Now I’m not going to lie that I love going to the dentist. But I do like feeling among friends, even if it means hearing Dr. Lane carry on about his LSU Tigers. (Because my wife was born in Baton Rouge, where her daddy played ball, I get a double dose.)

Something else: how a business treats employees also tends to be a reliable predictor of how they treat customers. Dr. Lane does high-quality work and stands by it. If a crown breaks, he replaces it free without asking if you were shelling pecans with your teeth.

My man George Jett hires good mechanics, values their skills, and guarantees their work. If the rattle’s still there, he’ll drive the vehicle around the block and then put it back on the lift to figure out why—also at no additional charge.
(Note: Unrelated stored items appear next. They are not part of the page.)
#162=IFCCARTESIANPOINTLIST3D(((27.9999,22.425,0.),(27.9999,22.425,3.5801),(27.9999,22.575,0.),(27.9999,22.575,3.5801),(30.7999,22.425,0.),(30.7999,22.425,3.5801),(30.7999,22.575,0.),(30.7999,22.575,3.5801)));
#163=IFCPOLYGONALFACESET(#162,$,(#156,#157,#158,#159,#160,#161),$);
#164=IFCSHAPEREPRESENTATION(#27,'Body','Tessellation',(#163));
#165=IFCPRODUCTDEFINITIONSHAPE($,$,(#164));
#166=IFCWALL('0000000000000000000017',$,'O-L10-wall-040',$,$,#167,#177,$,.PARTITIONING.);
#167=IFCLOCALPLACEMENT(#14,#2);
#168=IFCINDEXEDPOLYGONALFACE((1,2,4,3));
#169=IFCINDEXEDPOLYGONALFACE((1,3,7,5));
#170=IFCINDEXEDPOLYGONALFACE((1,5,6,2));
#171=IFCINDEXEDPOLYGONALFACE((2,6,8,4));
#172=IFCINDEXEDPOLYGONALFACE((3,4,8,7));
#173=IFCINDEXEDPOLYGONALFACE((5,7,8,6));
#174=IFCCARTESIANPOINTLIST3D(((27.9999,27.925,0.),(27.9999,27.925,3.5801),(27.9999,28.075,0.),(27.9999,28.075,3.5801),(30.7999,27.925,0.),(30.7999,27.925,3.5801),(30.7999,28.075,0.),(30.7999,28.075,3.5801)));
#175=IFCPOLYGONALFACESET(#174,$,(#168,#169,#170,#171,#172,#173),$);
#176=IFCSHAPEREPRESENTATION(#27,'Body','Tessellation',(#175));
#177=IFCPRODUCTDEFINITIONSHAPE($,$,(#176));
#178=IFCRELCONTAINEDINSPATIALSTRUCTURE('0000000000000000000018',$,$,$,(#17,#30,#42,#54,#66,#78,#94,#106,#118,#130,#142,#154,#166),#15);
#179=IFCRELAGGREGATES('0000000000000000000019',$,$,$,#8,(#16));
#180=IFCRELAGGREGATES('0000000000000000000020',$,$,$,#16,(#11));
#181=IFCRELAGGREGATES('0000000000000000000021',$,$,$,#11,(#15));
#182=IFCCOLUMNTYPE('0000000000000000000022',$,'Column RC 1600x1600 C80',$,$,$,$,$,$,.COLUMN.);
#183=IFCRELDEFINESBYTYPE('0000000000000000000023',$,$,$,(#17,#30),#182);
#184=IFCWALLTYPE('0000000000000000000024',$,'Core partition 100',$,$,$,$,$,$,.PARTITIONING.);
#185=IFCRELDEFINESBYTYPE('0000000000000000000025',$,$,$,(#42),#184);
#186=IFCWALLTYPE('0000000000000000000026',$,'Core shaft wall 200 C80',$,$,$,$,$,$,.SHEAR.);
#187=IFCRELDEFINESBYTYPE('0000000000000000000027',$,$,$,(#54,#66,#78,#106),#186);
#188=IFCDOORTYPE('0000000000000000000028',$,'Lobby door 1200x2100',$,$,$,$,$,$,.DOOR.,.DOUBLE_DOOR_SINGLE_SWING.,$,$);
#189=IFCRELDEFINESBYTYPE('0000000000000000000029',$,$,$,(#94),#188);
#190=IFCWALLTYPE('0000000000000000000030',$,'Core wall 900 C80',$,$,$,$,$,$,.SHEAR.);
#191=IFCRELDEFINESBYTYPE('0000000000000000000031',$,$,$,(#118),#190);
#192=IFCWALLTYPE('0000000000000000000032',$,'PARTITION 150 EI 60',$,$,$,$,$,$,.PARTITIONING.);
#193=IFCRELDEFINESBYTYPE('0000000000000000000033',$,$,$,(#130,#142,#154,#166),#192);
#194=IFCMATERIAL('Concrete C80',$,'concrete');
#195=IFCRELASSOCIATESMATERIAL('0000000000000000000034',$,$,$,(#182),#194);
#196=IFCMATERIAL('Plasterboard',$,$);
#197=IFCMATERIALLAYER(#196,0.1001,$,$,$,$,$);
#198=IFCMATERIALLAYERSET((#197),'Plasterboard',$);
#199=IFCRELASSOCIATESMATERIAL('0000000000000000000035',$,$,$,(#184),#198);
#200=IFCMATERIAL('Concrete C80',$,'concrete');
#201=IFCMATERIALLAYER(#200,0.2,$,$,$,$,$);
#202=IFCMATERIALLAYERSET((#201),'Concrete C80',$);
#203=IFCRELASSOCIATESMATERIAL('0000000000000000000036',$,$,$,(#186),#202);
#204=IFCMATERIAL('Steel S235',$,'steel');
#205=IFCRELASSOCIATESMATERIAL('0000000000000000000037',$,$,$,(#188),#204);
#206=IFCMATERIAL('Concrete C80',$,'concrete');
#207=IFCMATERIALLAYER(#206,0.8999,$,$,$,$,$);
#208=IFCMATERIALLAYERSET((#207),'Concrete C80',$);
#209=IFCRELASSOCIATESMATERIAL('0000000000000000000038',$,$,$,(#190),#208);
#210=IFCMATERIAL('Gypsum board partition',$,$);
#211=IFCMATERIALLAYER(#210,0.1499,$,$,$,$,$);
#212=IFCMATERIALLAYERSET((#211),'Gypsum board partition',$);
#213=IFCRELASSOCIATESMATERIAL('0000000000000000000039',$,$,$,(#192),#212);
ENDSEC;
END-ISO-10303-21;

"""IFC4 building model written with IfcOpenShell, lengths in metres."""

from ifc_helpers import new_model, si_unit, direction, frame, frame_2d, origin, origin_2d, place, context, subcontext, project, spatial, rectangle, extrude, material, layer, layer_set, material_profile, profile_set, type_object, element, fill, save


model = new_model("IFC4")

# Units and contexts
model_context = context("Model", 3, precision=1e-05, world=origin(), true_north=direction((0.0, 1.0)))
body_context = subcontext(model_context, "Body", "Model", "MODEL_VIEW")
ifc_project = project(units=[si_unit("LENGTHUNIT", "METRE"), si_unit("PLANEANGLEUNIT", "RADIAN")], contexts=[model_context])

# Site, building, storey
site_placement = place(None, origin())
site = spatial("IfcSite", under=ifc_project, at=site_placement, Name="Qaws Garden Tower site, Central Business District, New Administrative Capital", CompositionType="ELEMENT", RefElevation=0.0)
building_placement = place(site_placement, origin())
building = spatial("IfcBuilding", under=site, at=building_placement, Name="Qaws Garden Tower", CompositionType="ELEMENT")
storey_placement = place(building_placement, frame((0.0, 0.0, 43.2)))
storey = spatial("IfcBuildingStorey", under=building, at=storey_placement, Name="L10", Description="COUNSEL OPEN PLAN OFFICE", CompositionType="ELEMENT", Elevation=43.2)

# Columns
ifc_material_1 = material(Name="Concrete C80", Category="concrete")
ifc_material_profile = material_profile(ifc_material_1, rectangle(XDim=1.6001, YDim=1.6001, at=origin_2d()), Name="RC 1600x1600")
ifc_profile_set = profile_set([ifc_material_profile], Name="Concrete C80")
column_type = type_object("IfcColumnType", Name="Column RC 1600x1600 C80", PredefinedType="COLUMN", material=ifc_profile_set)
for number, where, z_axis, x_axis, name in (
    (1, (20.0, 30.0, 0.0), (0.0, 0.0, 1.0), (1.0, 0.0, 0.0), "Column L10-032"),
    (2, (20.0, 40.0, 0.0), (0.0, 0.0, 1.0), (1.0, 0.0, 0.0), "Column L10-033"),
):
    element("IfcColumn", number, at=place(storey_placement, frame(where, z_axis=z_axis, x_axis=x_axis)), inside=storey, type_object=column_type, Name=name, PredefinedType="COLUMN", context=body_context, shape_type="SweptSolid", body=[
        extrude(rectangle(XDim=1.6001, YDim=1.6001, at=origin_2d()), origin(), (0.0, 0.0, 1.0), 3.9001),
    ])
Jason down at the One-Stop isn’t exactly a philanthropist — at least not where Bermuda grass hay and Canadian night-crawlers are concerned. Keeping a business with so many moving parts running requires constant attention to detail. New hires that stand out back smoking when shelves need restocking tend not to last. Loyal longtime employees won’t cut them much slack.

Gas is cheaper at the Walmart across the river in Faulkner County, but the One-Stop’s pumps stay busy. It’s the community’s unofficial town hall. If you want to know who’s looking for a lost blue heeler or how Holly’s orphaned baby raccoons are doing, it’s got to be the One-Stop.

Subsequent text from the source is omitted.